I asked the director of the Wildlife Conservation Society's India Program, Dr. Ullas Karanth—a prominent tiger researcher who has spent decades working in Karnataka—what the case of the BR Hills says about people and tigers living together. "It says nothing," he replied. "In the early 1970s, these forests were trashed and tigers were almost extinct. . . . Their rebound is entirely because of regulations. . . . Enforcement [of wildlife laws] is what has brought prey species and tigers back" to the BR Hills. He also rejects the touted doubling of the tiger population in the BRT Tiger Reserve since 2010, asserting that there's a lack of rigorous data behind the numbers. 

The average male Bengal tiger (the subspecies found in India) weighs around 480 pounds and eats about one cow-size animal a week. How much territory it needs depends on the density of prey. Each breeding female requires up to about 40 square miles, and male tigers occupy the range of three to four females. "You cannot have people also raising cattle, doing agriculture, and hunting the prey species in those habitats," Karanth said. "It doesn't work." 

He went on to say, "I don't think there is a single family in India that does not want electricity, clean drinking water, a decent house, a bus to come and pick up their kids to take them to a nearby school. So the question is how do you deliver that to 1.2 billion people while keeping at least the remaining fragments of nature intact?" While the process of relocating forest dwellers should be "humane and fair . . . so people are truly better off afterward," the solution, according to Karanth, is to take people to where services already exist rather than bring services to remote locations in the forest and destroy the country's last remaining natural areas. 

Conservationists who share Karanth's view and those who believe that forest dwellers can coexist with tigers agree on one point: Banning hunting has been the most important factor in the resurgence of wildlife in India's protected areas. Otherwise, the two sides share little common ground, and each questions the other's data, interpretations, and motives. 

For now, debate over the meaning of the growing tiger population in the BRT Tiger Reserve may be beside the point for two reasons: The park has nearly reached its maximum tiger density (according to the forest department), and the Soligas aren't leaving anytime soon. In fact, they are eager to play a bigger role in official conservation efforts.

At the ATREE office, Madegowda showed me a joint management plan that he helped create. It lays out how the operation and oversight of the BRT Tiger Reserve could be shared between the government and the tribe. Such an arrangement, Madegowda said, would go a long way toward preserving both Soliga culture and wildlife habitat in the BR Hills, and could be a model for tiger reserves around the country, especially in parks such as Amrabad, where forest dwellers like the Chenchus are already involved in conservation efforts. 

So far, he said, the forest department has shown no interest in the plan.

"Right now . . . no one making decisions is asking the community about our knowledge of the forest," Madegowda said. "If Soligas partner with the government, we can offer input based on our deep understanding of the ecosystem.
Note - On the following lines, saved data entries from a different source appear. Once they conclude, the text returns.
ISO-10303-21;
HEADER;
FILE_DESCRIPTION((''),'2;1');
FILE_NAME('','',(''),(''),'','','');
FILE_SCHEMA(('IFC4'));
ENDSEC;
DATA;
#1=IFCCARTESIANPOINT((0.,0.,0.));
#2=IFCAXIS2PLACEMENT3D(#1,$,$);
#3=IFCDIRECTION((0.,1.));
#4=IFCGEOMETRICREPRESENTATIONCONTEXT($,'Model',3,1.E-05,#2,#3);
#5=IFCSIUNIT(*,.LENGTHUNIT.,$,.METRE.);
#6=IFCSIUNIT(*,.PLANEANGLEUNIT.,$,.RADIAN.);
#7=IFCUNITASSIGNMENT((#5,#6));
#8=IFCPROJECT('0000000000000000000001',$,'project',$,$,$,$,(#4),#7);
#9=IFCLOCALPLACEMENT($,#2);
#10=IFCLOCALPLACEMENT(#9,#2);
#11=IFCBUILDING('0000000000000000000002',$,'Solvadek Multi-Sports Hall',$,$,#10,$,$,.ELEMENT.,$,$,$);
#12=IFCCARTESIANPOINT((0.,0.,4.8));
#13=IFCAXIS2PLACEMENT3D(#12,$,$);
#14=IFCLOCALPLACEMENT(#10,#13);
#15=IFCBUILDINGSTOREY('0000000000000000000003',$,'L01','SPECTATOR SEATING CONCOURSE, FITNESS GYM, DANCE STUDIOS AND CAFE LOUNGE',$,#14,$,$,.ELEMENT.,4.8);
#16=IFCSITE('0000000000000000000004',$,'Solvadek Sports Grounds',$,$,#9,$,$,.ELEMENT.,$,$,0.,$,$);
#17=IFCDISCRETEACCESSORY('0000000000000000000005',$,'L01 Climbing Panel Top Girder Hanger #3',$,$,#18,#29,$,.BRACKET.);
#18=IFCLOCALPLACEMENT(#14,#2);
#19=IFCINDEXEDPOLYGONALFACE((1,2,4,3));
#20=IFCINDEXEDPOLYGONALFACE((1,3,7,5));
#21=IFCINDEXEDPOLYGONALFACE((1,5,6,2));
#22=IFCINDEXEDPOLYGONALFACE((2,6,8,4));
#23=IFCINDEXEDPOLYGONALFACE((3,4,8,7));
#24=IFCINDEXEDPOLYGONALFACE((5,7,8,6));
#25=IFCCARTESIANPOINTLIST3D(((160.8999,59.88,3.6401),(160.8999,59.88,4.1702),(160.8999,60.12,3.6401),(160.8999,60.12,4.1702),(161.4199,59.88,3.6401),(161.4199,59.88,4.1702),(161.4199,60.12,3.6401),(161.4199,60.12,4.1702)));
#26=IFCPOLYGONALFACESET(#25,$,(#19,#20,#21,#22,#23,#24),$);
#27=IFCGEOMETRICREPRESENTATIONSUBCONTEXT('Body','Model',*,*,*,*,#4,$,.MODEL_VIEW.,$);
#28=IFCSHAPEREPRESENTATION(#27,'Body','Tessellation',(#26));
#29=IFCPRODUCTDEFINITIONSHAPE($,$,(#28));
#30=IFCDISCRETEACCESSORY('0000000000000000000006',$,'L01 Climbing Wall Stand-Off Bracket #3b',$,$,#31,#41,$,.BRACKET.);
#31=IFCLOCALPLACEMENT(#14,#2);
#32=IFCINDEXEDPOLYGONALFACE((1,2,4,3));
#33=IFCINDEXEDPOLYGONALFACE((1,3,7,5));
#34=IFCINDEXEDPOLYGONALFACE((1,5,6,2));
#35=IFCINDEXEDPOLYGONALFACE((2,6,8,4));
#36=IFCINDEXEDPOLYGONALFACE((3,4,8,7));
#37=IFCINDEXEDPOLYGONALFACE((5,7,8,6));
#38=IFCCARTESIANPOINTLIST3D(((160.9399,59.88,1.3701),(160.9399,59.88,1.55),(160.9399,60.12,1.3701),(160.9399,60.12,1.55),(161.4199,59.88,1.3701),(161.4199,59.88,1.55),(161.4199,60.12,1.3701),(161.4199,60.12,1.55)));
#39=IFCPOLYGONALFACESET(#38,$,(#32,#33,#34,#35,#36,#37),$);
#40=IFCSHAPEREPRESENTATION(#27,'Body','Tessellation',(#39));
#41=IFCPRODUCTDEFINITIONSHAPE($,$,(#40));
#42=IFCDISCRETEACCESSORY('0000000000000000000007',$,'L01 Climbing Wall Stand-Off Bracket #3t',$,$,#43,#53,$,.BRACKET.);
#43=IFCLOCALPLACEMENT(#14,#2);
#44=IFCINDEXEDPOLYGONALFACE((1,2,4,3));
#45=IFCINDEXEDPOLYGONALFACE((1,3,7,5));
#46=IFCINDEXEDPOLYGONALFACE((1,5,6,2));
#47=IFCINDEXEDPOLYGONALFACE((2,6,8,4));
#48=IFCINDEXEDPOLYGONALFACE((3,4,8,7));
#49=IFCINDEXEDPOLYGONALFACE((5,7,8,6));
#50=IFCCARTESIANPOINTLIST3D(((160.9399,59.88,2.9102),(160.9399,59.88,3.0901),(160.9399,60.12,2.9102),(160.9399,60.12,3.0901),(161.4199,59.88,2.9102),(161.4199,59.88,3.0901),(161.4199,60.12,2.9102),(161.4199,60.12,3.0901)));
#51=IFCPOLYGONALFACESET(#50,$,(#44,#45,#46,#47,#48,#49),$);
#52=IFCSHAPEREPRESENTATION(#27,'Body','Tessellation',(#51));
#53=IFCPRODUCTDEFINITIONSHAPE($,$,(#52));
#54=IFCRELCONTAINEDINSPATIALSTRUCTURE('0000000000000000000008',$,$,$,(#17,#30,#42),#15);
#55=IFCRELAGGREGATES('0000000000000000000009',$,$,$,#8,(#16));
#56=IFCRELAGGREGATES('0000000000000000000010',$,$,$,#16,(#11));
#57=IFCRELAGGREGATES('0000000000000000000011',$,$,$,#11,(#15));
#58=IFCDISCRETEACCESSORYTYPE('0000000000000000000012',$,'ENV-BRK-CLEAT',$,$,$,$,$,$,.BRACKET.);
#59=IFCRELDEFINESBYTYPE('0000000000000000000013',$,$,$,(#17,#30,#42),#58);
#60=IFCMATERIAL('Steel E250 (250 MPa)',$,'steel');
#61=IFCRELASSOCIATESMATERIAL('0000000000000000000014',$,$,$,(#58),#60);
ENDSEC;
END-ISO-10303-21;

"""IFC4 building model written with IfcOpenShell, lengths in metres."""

from ifc_helpers import new_model, si_unit, direction, frame, origin, origin_2d, place, context, subcontext, project, spatial, rectangle, extrude, material, type_object, element, save


model = new_model("IFC4")

# Units and contexts
model_context = context("Model", 3, precision=1e-05, world=origin(), true_north=direction((0.0, 1.0)))
body_context = subcontext(model_context, "Body", "Model", "MODEL_VIEW")
ifc_project = project(units=[si_unit("LENGTHUNIT", "METRE"), si_unit("PLANEANGLEUNIT", "RADIAN")], contexts=[model_context])

# Site, building, storey
site_placement = place(None, origin())
site = spatial("IfcSite", under=ifc_project, at=site_placement, Name="Solvadek Sports Grounds", CompositionType="ELEMENT", RefElevation=0.0)
building_placement = place(site_placement, origin())
building = spatial("IfcBuilding", under=site, at=building_placement, Name="Solvadek Multi-Sports Hall", CompositionType="ELEMENT")
storey_placement = place(building_placement, frame((0.0, 0.0, 4.8)))
storey = spatial("IfcBuildingStorey", under=building, at=storey_placement, Name="L01", Description="SPECTATOR SEATING CONCOURSE, FITNESS GYM, DANCE STUDIOS AND CAFE LOUNGE", CompositionType="ELEMENT", Elevation=4.8)

# Shared definitions
ifc_material_1 = material(Name="Steel E250 (250 MPa)", Category="steel")

# Discrete accessories
discrete_accessory_type = type_object("IfcDiscreteAccessoryType", Name="ENV-BRK-CLEAT", PredefinedType="BRACKET", material=ifc_material_1)
discrete_accessory_1_placement = place(storey_placement, frame((161.1599, 60.0, 3.6401), z_axis=(0.0, 0.0, 1.0), x_axis=(1.0, 0.0, 0.0)))
element("IfcDiscreteAccessory", 1, at=discrete_accessory_1_placement, inside=storey, type_object=discrete_accessory_type, Name="L01 Climbing Panel Top Girder Hanger #3", PredefinedType="BRACKET", context=body_context, shape_type="SweptSolid", body=[
    extrude(rectangle(XDim=0.52, YDim=0.24, at=origin_2d()), origin(), (0.0, 0.0, 1.0), 0.53),
])
for number, where, z_axis, x_axis, name in (
    (2, (161.1799, 60.0, 1.3701), (0.0, 0.0, 1.0), (1.0, 0.0, 0.0), "L01 Climbing Wall Stand-Off Bracket #3b"),
    (3, (161.1799, 60.0, 2.9102), (0.0, 0.0, 1.0), (1.0, 0.0, 0.0), "L01 Climbing Wall Stand-Off Bracket #3t"),
):
    element("IfcDiscreteAccessory", number, at=place(storey_placement, frame(where, z_axis=z_axis, x_axis=x_axis)), inside=storey, type_object=discrete_accessory_type, Name=name, PredefinedType="BRACKET", context=body_context, shape_type="SweptSolid", body=[
        extrude(rectangle(XDim=0.48, YDim=0.24, at=origin_2d()), origin(), (0.0, 0.0, 1.0), 0.1799),
    ])

save(model, "model.ifc")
We are open to recommendations about how to improve the way we do things, to reduce our own impact. If we all share our knowledge and manage the forest together, we can protect it better. This is the best way forward for everyone, including the tigers."

This article was funded by the Sierra Club's International Tiger Protection Project.

This article appeared in the July/August 2017 edition with the headline, "The Tiger Watchers."